On balance, fans of romantic comedies will probably enjoy both of these movies, but perhaps for different reasons. During "Last Chance Harvey," I wanted to see more of Hoffman and Thompson, to the point of mild annoyance when they weren't on screen. During "New In Town," I wanted to see more of the supporting characters-Zellweger and Connick seemed almost like a distraction from the more appealing things going on in the background. If only Hoffman and Thompson had met in Minnesota!

Outlander
Directed by Howard McCain

I described "Outlander" to somebody as "Alien meets Beowulf" and was immediately asked whether that was a good thing or a bad thing. I responded that it didn't matter if my overall reaction was good or bad if the description itself is reasonably accurate. If you love both "Alien" and "Beowulf," you'll probably dig "Outlander" too. If you don't like either, then you don't have much of a chance of liking this one. And if you have mixed feelings about the two earlier movies, you'll probably have more mixed feelings now.
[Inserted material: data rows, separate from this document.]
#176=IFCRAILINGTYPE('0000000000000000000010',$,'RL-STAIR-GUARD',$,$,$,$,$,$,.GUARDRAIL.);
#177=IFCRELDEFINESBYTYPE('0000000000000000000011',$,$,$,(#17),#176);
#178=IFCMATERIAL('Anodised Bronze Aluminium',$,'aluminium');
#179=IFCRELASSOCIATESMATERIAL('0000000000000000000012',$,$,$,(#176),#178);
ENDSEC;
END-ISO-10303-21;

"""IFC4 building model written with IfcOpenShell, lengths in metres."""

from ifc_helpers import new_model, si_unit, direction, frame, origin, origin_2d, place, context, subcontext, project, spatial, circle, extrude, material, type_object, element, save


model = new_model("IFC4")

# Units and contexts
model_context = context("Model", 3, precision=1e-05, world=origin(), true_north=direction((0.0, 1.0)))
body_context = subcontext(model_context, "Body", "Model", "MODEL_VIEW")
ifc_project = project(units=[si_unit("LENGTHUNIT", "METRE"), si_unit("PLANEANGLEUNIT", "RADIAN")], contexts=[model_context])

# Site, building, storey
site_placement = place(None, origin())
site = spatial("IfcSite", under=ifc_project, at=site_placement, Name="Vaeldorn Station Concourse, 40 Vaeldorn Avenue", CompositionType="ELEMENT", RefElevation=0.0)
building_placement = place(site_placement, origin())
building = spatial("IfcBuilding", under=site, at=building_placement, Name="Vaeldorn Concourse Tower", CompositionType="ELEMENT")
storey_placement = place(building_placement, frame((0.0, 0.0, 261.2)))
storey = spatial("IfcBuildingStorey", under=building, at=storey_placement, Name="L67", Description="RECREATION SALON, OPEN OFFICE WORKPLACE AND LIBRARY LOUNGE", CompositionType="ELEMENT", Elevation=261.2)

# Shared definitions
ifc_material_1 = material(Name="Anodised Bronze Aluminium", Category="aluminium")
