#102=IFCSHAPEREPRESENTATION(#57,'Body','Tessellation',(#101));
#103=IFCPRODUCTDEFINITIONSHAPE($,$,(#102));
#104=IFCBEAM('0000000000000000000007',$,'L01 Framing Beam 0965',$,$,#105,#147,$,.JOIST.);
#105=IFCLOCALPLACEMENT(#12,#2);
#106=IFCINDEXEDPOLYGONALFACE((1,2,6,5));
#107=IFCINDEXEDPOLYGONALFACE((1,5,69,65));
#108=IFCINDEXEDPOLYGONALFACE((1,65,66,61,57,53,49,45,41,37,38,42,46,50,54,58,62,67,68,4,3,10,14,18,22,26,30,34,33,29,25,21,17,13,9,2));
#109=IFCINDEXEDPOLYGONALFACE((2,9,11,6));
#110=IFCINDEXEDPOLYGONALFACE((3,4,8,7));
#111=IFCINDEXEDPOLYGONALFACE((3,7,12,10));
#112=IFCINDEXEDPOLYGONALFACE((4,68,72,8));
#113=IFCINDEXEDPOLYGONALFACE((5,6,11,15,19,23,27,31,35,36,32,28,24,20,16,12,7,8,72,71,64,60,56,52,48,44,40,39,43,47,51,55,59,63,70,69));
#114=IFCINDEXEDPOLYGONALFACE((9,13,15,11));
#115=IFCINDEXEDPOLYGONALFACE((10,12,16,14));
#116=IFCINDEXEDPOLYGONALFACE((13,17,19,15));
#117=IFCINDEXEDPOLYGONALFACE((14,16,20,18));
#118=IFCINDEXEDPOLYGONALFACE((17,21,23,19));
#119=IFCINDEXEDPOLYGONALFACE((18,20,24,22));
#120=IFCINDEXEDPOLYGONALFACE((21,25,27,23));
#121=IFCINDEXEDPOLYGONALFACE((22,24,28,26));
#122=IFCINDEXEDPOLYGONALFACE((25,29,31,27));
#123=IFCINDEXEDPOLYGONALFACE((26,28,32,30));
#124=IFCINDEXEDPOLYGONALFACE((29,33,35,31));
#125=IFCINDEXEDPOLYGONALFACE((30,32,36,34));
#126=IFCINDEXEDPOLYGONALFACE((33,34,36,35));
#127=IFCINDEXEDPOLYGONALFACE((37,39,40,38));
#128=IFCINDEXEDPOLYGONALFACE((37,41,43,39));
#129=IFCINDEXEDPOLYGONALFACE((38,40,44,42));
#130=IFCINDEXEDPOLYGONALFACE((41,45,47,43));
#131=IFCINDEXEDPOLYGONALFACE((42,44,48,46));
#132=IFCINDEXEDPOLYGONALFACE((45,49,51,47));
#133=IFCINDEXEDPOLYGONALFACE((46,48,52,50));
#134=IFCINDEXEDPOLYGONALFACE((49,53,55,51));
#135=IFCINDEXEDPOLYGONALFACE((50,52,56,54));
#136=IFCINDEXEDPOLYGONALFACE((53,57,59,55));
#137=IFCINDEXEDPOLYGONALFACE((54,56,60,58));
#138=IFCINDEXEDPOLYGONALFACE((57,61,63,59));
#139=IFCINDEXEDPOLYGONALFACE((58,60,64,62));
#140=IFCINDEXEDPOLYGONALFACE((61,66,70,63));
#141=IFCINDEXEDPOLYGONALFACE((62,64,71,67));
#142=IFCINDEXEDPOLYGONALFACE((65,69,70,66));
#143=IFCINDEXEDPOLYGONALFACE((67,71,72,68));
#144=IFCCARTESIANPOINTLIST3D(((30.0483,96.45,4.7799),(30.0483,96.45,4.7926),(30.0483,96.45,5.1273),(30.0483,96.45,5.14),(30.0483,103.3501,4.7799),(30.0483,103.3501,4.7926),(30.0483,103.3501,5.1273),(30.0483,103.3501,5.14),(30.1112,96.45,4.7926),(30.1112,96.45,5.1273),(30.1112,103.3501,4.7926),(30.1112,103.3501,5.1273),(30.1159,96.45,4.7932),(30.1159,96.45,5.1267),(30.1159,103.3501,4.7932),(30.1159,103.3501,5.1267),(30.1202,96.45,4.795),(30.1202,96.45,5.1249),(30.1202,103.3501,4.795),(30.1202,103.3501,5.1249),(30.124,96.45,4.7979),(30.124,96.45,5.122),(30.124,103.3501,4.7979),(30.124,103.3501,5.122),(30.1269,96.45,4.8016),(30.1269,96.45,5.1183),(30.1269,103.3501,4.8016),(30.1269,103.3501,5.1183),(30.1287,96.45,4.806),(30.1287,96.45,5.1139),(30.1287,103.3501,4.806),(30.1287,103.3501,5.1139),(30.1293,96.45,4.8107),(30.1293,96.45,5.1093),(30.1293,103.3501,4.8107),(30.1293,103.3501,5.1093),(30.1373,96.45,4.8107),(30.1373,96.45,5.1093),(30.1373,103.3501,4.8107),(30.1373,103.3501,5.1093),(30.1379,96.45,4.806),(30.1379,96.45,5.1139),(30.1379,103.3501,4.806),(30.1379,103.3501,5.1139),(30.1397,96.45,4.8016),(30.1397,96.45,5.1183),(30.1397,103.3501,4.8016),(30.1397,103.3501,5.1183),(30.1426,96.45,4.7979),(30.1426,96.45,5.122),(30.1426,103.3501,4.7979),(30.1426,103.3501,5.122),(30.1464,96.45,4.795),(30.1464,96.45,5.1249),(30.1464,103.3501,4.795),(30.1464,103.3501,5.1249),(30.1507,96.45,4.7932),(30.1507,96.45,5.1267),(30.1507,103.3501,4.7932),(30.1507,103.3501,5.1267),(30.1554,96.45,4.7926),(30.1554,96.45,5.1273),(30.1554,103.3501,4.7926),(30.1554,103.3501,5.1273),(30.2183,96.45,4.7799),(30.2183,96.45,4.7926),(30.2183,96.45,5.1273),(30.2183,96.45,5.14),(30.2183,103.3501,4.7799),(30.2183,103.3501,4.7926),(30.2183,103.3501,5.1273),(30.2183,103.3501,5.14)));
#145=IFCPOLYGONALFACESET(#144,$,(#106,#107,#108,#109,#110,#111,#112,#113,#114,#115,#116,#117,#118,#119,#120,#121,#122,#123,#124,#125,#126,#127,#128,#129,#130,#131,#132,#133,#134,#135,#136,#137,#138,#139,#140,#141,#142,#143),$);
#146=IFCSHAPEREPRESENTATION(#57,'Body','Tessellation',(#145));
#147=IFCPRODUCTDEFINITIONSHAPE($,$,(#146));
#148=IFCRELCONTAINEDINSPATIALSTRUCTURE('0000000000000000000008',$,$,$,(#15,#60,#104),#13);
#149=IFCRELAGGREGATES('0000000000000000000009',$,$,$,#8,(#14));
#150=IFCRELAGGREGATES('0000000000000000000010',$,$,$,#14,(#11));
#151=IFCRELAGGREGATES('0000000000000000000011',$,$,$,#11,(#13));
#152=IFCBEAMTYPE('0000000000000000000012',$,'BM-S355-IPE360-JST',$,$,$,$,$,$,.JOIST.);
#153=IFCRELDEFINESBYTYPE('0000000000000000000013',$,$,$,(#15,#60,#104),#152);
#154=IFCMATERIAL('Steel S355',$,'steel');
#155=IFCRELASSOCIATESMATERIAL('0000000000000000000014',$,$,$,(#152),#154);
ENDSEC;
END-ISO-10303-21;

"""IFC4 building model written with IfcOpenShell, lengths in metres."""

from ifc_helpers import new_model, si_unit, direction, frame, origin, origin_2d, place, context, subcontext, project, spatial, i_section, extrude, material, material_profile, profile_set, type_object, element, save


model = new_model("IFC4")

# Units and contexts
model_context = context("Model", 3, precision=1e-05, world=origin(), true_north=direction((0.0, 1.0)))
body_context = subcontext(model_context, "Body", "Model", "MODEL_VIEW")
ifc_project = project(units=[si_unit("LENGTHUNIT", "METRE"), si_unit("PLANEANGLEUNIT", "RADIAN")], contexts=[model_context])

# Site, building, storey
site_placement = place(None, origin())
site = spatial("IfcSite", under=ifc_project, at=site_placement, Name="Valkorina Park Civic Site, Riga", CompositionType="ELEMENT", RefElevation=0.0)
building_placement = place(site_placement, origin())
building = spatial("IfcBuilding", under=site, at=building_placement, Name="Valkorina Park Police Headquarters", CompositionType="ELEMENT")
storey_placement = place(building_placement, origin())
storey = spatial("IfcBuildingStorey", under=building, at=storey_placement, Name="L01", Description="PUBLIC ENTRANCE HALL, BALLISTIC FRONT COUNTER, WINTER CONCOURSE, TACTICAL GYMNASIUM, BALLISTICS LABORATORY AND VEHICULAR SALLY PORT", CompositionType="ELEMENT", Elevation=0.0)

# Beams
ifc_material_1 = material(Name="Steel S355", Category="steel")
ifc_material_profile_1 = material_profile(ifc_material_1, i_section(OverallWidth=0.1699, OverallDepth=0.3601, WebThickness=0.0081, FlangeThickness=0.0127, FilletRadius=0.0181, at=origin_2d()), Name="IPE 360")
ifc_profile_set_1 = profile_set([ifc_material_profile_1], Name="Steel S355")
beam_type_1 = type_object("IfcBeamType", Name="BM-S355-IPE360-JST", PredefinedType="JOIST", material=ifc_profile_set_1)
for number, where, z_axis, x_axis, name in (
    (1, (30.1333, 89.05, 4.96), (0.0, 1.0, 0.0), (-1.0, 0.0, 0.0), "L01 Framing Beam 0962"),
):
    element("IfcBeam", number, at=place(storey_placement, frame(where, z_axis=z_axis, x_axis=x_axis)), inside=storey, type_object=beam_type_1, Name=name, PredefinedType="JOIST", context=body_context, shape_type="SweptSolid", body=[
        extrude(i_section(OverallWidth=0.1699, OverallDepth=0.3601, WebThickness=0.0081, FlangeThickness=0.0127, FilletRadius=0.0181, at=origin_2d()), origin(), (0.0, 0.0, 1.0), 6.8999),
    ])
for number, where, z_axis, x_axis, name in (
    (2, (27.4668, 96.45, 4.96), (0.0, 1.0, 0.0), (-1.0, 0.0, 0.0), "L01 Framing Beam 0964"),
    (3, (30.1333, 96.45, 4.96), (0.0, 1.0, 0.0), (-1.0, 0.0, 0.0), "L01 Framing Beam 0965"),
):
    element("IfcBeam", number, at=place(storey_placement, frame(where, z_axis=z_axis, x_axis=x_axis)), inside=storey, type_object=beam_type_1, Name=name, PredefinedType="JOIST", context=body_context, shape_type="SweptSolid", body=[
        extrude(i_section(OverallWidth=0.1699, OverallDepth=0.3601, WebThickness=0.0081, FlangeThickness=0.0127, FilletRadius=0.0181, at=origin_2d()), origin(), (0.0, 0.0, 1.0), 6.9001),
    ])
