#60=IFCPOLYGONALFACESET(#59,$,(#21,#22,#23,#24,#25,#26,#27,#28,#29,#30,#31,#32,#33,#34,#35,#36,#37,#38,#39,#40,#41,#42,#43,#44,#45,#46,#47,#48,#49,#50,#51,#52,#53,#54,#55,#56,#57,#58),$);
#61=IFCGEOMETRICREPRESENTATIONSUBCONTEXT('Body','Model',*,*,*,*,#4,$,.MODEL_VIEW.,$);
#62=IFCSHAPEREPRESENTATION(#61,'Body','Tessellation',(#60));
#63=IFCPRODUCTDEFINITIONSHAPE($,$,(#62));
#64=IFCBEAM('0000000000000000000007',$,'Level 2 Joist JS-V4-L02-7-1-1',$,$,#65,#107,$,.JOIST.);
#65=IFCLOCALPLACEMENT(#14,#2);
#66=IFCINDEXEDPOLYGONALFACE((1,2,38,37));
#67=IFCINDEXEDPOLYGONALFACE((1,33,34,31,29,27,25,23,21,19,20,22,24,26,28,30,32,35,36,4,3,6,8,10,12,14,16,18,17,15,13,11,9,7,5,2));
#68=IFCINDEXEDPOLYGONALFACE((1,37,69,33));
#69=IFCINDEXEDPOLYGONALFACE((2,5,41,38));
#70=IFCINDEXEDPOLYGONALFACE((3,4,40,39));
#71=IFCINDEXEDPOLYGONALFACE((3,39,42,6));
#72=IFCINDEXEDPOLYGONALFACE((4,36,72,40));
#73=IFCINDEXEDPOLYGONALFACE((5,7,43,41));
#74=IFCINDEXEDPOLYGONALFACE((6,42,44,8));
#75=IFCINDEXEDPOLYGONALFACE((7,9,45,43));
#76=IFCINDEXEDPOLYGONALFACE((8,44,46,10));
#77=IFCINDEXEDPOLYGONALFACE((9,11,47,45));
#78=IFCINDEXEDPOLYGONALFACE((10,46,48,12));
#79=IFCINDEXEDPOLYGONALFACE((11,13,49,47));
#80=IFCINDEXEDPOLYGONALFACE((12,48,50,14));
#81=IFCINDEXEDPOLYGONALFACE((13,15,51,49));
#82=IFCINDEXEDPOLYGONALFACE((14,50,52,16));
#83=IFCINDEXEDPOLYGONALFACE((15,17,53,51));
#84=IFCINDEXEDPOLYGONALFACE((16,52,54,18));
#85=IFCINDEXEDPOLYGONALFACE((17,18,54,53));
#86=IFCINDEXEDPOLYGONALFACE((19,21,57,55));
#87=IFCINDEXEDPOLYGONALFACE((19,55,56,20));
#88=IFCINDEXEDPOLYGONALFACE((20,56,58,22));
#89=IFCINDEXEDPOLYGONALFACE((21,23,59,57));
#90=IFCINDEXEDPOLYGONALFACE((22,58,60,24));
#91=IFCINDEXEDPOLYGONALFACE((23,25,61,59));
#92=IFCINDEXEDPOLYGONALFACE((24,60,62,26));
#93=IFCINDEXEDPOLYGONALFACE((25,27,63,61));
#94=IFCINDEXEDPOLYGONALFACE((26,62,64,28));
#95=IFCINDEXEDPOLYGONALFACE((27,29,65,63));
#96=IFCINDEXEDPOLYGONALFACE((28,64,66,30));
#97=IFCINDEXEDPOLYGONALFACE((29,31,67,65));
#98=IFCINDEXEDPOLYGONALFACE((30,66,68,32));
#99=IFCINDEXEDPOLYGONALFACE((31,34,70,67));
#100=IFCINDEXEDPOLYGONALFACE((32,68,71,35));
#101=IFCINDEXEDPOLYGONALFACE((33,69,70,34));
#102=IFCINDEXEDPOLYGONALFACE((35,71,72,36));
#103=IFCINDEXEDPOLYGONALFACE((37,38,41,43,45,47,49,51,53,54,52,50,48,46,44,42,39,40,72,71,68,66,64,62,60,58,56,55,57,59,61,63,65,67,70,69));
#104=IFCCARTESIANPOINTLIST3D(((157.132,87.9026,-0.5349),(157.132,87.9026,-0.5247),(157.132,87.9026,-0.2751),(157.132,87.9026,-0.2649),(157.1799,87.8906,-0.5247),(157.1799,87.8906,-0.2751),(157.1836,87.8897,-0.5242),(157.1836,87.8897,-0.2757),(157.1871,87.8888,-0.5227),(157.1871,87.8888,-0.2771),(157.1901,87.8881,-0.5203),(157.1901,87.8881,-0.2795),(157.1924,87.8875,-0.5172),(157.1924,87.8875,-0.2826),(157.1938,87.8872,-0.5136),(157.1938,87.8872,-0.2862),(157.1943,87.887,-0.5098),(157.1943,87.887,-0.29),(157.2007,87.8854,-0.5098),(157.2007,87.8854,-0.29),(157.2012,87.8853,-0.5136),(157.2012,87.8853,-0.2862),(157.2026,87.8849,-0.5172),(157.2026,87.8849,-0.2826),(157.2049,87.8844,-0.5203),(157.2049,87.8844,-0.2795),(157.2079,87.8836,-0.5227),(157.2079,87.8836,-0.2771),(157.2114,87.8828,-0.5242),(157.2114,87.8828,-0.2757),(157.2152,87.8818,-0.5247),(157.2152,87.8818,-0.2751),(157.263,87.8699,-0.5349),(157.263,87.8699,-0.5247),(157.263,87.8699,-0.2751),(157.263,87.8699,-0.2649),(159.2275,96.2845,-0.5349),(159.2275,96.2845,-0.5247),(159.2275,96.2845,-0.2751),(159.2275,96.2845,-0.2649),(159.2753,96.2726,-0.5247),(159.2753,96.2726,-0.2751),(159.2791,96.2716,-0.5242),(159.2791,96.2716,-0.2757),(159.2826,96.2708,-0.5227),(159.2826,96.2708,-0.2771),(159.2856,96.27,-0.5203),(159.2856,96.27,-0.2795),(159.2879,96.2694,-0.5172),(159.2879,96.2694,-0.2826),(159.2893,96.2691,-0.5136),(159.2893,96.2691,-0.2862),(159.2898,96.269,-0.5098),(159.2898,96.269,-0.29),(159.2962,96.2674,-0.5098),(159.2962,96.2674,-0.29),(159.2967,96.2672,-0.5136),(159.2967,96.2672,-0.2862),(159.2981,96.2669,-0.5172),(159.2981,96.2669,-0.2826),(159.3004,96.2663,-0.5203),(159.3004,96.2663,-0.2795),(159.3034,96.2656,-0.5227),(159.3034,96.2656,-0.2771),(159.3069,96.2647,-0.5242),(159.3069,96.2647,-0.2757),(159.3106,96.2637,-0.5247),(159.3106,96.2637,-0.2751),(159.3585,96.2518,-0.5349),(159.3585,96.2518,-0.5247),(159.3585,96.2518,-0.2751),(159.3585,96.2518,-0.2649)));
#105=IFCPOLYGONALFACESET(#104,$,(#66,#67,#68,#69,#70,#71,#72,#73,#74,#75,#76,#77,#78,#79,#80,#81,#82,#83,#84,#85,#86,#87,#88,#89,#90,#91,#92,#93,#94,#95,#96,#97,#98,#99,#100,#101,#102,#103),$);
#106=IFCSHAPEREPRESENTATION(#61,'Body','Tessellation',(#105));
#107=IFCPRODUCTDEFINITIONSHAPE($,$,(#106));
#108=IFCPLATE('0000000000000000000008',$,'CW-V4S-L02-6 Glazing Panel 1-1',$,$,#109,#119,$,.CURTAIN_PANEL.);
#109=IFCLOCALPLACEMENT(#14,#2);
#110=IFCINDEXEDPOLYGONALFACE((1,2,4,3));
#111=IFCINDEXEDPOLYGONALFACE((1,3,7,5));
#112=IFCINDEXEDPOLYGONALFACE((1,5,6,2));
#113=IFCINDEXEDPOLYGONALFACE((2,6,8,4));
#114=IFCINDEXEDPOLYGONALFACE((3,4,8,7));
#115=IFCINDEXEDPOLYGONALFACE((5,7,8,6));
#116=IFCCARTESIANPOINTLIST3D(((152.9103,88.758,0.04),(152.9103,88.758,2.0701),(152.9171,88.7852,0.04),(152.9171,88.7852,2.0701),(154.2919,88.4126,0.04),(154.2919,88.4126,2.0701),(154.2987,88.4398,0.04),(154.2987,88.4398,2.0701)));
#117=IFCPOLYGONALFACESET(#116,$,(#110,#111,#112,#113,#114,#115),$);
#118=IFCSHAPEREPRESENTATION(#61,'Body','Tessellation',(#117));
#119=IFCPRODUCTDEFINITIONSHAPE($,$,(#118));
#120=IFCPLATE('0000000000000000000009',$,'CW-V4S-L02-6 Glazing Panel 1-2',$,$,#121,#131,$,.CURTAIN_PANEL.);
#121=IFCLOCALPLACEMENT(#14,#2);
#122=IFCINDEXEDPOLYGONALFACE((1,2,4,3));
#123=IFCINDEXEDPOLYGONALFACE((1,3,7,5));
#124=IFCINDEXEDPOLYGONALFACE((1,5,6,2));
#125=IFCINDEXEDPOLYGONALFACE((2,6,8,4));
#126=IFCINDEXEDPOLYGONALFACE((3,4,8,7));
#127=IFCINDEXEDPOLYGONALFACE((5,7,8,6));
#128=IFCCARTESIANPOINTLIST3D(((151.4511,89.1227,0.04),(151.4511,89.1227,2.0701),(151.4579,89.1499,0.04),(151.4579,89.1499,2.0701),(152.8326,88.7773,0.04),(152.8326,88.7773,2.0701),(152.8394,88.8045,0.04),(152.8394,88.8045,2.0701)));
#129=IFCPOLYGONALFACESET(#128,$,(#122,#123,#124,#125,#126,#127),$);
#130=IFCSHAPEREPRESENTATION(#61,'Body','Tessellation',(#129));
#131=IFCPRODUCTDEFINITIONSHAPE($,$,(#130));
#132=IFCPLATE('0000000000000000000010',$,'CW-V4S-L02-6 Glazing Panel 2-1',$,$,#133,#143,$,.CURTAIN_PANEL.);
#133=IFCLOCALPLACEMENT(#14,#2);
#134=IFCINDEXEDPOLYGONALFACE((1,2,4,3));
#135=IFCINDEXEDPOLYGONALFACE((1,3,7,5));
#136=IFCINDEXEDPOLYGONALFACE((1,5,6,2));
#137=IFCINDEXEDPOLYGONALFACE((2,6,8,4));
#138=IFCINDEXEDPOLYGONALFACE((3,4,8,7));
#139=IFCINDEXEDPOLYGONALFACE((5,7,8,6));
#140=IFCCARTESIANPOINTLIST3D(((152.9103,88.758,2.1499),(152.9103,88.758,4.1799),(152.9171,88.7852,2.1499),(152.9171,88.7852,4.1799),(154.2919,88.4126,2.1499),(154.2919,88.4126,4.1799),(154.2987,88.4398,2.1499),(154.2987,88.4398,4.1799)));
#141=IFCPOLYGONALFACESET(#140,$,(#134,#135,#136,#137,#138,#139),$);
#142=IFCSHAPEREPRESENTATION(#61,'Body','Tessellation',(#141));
James Caviezel (perhaps best remembered as Jesus in "The Passion Of the Christ" – and don't get me started on that movie…) plays Kainan, a humanoid alien who crashes on Earth in the geographical and chronological middle of Viking civilization. The problem is that he can't just wait for the interstellar tow-ship as he's also lost his cargo, a glow-in-the-dark, distinctly less humanoid alien straight out of the worst childhood nightmares. And this "Moorwen" has a grudge against people, given a prior slaughter performed by Kainan's people while colonizing the Moorwen's homeworld.

I was expecting a lot of adaptation of futuristic technology to the Viking circumstances, but it's mostly just a protracted series of fight sequences between hairy guys and the Moorwen's computer-based animator. Most of this concept was done better ten years ago in "The Thirteenth Warrior," back when Antonio Banderas was still a star. And, for the record, I loved "Alien" and hated "Beowulf."